以前、外国人のための日本語教師をしていたときも、オノマトペは学生たちのお気に入りでした。擬音語、擬態語の類で、とくに体の痛みを訴えるときには重宝します。
頭が、ずきんと痛い。がんがん痛い。
肌が、ひりひり痛い。ちくっと痛い。
おなかが、ずきずき痛い。きりきり痛い。
「では、少しだけ、なんとなく痛いときは?」
「…………」
「しくしく痛い、って言うでしょう」
「……??」
「あら、言いませんか?」
「言いません……」
なんと、8名全員が、聞いたことさえないというのです。
「先生、しくしく泣く、でしょ!」
はあ、それもあるけれど……。
「どこか痛くなること自体、あんまりないし」
ショックでした。若い人たちは、言葉を知らなくて当然、痛みそのものを知らないのかもしれません。それにしても、おなかがしくしく、歯がしくしく痛むことはないのかしら。
その日、帰宅してわが子たちにも聞いてみました。
23歳の娘は、「知ってるけど、使わない」。
17歳の息子もやはり、「聞いたこともない」。
「しくしく」は、平成生まれのなかで、死語となっていくのでしょうか。
でも、ちょっと心配になります。
学生たちがやがて母親になるときに、痛みを医者に訴えることも出てくるでしょう。
しくしく痛くなったとき、彼女たちは何と表現するのでしょう。
「先生、なにげに痛むんです」とかなんとか言うのかしら……?
コメント
_ suzuking ― 2012/07/31 21:19
_ hitomi ― 2012/07/31 23:25
息子さんは、文学的センスをお持ちでいらっしゃる。それはお母様譲りとお見受けしましたよ。しくしくじゃなくて、くすくすと笑わせていただきました!
_ 村上 好 ― 2014/11/26 10:47
大学でも教えておられるのですか。
オノマトペという言葉は聞いたことはありますが、意味は理解していませんでした。
擬声語に対しては余り検討していません。自分の知識・感覚だけで使ってきました。読んでくださる方がどう受け取っているのか考えたこともありません。これから文章を書くときは配慮しようと思います。
英語の擬声語をまったく知りません。英語を書くときは擬声語を使えないわけです。それだけで私の書く英語はレベルの低いものだった筈です。文章道には課題が一杯です。ひとつずつ能力を磨いていきたいと思います。
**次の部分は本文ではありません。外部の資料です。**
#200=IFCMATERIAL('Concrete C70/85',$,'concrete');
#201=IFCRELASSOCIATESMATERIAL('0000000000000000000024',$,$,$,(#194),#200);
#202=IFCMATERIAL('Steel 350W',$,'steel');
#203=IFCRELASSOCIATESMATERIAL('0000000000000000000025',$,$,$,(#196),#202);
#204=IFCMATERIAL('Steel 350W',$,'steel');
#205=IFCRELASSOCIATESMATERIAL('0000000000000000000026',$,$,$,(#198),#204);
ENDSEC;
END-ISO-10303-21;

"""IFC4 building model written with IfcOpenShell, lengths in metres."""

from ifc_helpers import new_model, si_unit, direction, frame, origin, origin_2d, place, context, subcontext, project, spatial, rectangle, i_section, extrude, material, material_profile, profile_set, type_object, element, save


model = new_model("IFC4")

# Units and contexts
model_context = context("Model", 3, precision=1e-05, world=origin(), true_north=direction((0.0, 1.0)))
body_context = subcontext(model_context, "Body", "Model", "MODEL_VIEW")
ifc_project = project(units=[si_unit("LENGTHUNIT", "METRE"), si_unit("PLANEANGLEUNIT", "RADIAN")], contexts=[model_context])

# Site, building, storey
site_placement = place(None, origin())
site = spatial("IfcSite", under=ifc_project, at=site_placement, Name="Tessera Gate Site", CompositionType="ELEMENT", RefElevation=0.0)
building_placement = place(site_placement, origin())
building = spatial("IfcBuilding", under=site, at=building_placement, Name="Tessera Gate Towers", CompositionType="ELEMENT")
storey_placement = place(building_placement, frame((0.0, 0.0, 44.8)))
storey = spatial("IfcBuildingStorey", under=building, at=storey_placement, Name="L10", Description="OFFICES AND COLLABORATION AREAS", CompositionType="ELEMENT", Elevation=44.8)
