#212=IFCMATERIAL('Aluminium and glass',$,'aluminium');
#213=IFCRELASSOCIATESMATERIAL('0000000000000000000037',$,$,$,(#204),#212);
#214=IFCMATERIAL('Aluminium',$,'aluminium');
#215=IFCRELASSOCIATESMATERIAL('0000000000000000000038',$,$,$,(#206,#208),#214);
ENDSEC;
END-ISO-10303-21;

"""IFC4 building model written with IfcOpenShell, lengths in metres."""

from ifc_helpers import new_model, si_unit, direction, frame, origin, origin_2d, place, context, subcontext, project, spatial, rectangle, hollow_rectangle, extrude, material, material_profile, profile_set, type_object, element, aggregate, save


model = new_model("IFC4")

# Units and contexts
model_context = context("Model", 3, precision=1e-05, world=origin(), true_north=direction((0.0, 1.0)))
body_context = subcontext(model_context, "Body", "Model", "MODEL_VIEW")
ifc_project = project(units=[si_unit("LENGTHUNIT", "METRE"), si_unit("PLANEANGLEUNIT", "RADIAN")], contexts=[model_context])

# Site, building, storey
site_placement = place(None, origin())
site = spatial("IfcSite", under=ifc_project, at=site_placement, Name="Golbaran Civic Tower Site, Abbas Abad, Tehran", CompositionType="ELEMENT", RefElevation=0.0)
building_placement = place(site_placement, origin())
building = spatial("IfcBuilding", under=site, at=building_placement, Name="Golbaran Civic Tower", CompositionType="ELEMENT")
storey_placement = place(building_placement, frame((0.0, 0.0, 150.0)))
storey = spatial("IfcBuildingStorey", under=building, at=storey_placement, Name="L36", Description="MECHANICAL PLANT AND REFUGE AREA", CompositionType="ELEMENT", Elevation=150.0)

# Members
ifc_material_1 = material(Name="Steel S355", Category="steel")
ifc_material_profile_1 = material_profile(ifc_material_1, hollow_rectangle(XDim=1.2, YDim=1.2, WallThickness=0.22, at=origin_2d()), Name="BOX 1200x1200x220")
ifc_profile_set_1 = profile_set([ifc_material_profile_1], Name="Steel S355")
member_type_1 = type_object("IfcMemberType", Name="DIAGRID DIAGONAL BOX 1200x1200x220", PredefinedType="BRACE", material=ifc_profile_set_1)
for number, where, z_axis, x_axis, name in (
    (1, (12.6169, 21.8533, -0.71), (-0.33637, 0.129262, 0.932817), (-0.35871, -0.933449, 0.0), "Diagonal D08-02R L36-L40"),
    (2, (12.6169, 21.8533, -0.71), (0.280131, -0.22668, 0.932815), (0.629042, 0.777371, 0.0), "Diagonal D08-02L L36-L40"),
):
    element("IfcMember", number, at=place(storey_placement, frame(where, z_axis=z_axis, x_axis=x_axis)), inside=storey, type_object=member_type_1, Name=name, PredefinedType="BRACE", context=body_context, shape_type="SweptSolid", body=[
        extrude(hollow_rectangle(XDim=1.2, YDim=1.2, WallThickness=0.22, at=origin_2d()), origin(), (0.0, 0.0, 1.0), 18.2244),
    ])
Instructive なエッセイをありがとうございます。
村上 好
_ hitomi ― 2014/12/04 22:35
大学で教えていたのは、この年まででした。
オノマトペという言葉自体をまったく知らなくても、心を打つエッセイは書けますから、あまり意識なさらずに、「読み手にはどう受け取られるか」を念頭に置いて書いてみてください。読み手に自分の思いを伝えることがなにより大切だと思います。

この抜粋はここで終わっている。